Business Opinion: The decision by insurer FBD to give its shareholders back yet more of their money has had the predictable effect, writes John McManus.
The shares jumped €2 last week to over €40 after the low-key announcement of plans to return another €177 million of surplus capital.
While the money is no doubt welcome, shareholders should perhaps stop to consider the corollary of the distribution, which is the seeming inability of the company management to find a productive use for the money.
It is interesting to note that on the same day that FBD management quietly ran up the white flag on the ideas front, Seán Quinn unveiled plans for yet another assault on the Irish insurance market, in which FBD prides itself as being the biggest Irish-owned player.
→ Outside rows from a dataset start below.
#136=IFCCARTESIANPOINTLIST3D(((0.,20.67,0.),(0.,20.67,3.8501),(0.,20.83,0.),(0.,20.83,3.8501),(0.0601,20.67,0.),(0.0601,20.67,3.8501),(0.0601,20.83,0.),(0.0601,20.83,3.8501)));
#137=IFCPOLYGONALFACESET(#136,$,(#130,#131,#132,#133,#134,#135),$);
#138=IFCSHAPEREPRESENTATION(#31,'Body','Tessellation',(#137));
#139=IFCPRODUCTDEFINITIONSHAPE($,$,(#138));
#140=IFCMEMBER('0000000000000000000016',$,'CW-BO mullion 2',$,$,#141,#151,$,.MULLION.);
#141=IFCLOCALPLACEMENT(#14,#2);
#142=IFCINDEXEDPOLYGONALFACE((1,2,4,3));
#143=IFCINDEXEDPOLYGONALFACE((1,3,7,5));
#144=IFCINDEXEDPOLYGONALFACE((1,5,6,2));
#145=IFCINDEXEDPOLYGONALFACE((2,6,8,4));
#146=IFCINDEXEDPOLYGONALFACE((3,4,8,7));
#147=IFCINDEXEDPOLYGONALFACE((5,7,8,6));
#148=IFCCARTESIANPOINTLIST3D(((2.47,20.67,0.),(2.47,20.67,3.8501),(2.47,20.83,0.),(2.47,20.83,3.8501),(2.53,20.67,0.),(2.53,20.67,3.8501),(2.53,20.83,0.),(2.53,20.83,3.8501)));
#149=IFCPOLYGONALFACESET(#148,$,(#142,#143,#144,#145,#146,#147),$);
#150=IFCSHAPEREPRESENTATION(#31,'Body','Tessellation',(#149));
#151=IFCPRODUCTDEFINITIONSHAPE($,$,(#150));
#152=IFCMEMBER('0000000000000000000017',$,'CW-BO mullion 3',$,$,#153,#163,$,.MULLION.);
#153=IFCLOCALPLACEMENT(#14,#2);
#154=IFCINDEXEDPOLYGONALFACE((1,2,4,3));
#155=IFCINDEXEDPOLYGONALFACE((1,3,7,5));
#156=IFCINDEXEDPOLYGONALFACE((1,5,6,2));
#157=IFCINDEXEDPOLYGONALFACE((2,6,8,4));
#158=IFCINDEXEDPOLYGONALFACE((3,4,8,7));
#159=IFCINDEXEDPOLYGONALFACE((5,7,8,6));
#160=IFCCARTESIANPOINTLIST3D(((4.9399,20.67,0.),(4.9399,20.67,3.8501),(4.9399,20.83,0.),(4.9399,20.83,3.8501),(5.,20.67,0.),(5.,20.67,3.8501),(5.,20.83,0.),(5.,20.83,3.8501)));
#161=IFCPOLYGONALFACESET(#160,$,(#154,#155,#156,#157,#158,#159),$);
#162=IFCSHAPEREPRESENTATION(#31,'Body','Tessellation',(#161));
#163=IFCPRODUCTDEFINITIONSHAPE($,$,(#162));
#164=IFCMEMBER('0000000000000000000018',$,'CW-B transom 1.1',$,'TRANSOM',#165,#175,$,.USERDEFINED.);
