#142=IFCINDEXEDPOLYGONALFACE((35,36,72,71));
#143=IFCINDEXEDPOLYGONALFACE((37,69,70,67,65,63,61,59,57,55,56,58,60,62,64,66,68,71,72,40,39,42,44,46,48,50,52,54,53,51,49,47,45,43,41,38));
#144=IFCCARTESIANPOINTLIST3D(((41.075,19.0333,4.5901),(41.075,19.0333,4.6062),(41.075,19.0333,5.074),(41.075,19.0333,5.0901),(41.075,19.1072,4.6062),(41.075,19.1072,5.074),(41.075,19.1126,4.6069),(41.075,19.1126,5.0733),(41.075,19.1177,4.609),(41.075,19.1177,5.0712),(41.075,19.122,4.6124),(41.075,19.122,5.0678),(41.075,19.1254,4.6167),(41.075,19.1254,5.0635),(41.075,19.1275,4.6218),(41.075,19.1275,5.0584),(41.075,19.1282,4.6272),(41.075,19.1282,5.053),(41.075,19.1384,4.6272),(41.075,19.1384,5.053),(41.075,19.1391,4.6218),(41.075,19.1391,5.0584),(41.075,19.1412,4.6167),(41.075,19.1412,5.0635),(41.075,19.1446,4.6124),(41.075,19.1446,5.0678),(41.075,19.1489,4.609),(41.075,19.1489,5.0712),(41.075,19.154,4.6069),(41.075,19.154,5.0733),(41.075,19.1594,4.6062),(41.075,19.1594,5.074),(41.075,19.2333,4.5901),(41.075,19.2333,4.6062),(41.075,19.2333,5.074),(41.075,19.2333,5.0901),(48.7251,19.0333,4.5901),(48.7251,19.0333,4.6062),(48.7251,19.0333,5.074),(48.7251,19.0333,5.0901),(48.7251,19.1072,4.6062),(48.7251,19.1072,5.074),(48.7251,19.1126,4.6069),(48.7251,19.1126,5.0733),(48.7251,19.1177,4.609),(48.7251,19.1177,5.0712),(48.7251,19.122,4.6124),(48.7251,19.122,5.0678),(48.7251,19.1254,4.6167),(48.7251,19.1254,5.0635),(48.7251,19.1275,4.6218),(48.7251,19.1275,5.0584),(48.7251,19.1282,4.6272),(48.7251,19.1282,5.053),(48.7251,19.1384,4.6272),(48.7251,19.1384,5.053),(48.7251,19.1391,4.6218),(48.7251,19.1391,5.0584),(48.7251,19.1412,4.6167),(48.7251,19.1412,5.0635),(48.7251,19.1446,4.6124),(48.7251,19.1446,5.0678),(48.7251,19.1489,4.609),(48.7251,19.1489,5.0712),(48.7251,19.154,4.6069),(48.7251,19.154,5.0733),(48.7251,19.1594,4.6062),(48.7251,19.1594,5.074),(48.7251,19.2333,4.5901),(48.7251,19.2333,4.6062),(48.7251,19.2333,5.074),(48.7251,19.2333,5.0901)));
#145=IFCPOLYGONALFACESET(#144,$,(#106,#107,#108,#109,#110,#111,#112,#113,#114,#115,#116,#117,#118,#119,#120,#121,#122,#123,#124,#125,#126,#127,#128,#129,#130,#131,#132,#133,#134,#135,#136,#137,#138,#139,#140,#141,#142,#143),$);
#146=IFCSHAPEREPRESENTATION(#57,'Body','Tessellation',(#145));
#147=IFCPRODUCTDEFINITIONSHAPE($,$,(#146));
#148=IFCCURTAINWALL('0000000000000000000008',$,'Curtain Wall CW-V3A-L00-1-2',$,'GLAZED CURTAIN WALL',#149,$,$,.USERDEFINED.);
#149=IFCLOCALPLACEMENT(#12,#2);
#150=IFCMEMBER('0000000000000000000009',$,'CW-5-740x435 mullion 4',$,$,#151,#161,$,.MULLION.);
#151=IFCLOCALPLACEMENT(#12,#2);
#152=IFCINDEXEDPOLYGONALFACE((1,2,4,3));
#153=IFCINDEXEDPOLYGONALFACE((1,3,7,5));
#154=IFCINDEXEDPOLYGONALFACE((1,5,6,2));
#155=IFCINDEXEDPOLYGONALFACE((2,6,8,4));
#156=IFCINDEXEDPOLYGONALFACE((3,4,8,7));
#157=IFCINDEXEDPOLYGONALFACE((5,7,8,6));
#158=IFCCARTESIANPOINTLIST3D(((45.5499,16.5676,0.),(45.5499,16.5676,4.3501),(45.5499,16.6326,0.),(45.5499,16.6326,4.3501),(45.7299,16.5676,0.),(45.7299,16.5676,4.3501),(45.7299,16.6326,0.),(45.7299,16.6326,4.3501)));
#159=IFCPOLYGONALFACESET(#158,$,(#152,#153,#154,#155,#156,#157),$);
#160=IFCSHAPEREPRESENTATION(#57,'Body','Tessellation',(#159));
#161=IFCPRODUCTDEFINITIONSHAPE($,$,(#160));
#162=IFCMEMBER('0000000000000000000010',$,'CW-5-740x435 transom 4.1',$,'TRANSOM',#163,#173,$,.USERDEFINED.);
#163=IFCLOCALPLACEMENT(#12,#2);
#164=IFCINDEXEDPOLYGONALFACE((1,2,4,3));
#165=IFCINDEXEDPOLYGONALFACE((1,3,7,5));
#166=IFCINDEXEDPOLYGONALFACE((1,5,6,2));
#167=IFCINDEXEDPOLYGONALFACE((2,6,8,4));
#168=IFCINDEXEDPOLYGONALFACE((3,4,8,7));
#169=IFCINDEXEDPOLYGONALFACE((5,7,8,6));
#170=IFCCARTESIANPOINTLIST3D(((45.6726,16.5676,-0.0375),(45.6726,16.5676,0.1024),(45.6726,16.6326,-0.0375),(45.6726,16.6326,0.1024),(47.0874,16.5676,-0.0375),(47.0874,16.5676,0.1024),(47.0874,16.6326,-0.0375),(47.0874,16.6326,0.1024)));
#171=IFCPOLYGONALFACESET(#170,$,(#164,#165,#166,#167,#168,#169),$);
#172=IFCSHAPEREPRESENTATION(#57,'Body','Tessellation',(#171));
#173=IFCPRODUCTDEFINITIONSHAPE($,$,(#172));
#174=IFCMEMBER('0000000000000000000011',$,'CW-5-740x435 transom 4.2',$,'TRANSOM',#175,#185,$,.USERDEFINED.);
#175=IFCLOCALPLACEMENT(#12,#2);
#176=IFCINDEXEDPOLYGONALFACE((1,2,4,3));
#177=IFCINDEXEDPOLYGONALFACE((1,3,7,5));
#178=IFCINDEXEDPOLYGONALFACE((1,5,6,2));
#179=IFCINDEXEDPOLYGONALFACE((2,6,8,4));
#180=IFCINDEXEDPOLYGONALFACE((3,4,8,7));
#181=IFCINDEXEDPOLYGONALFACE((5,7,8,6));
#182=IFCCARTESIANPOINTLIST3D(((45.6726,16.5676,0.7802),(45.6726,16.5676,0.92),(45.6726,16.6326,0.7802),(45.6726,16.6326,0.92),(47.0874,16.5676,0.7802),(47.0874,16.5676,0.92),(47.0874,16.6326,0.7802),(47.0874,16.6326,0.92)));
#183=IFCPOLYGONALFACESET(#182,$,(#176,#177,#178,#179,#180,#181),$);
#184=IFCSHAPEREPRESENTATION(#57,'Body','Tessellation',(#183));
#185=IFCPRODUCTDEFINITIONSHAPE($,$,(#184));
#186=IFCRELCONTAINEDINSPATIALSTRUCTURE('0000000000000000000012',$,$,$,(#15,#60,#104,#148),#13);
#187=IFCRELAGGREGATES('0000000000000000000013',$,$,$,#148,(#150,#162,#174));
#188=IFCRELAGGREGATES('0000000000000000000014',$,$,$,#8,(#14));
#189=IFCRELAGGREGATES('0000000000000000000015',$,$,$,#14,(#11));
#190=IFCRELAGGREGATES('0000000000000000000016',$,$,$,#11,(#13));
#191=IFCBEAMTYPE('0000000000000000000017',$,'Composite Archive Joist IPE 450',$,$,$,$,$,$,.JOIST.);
Quinn marked the formal completion of his takeover of Bupa Ireland last Tuesday by making it clear that the latest addition to his insurance operation has big plans. So big in fact, that the workforce will more than double to 800 over the next four years. Few details were divulged, but the decision to rebrand the business Quinn Healthcare is indicative of ambitions beyond the narrow confines of health insurance.
There are plenty of others who see the Irish insurance industry as offering no shortage of opportunities. Cavan-based builder P Elliott & Company is reported to be considering following Quinn into the insurance business and has hired some of Quinn's former executives. Two other former Quinn Direct executives are also reported to have set up a liability insurance business. ...
To be fair to FBD, it was at some pains to point out that the capital being returned to shareholders is only what is left after the needs of its own "ambitious" expansion plans are met. A calculation by Anna Lalor of Goodbody Stockbrokers published in the brokers' morning note last Wednesday takes a stab at scoping out the aforementioned ambitions.
Lalor calculates that FBD has around €210-€220 million in surplus capital, which would leave around €25 million in the tank to support expansion after returning capital and meeting the ongoing requirements of the business.
This, argues Lalor, would support growth of 11 per cent - or more specifically, an increase in gross written premiums of that amount - next year over and above the 4-5 per cent growth already assumed by most analysts.
This compares to an increase in gross written premiums of 4.5 per cent last year and thus probably does deserve the tag ambitious. Particularly so, when you consider the rather bearish stance taken by the group on the outlook for premium growth in its preliminary results statement.
But this does not diminish the fact that FBD's management seem unable to find opportunities in a market that their peers clearly believe offers real growth potential. Equally, they seem unwilling or unable to expand outside of their core business.
A number of points should be made in FBD's management's defence, the main one being that a publicly quoted business is a different beast to a private company. Seán Quinn can - and indeed some would say does - take risks with his own money that a plc might not consider prudent. FBD for example, does not target young drivers.
Supporters of the company also argue that its conservative ethos is attractive in so far as it indicates both long-term thinking and a refreshing reluctance to squander shareholder capital in risky deals. Indeed, this should come as no surprise, given the company's origins as an insurance business set up to serve the farming community by the farming community.
In many ways, FBD's management deserve to be commended for what in many ways is taking the hard decision and recognising their own limitations. But things rarely work that way and once the warm glow of the capital repayment has faded, they will presumably come under scrutiny from those who think they could do a better job.
By deciding to return as much of the group's surplus cash as they can, management have headed off this threat to a certain extent. Without the cash pile, the scope for some sort of big strategic move is reduced. And analysts such as Goodbody's Lalor would argue that the current management have done a good job of controlling the cost base, again providing a good defence against any unwelcome advances.
But perhaps the best defence remains the 24.4 per cent stake held in the business by the Farmers' Business Development plc, the vehicle through which the original farmer shareholders invested.
Its board reads like a who's who of Irish farming and it performs much the same role in FBD as the co-ops do in the listed food groups. It also stands to pocket some €43 million as a result of the capital repayment.
One suspects that without the support of a shareholder like Farmers' Business Development, few management teams would have countenanced coming back after 18 months to say they have no idea how to take the business forward.
And the question for anyone looking at FBD must be how solid is that support going to be in the future as the original shares in Farmers' Business Development pass through to the third generation and more and more farmers quit the business.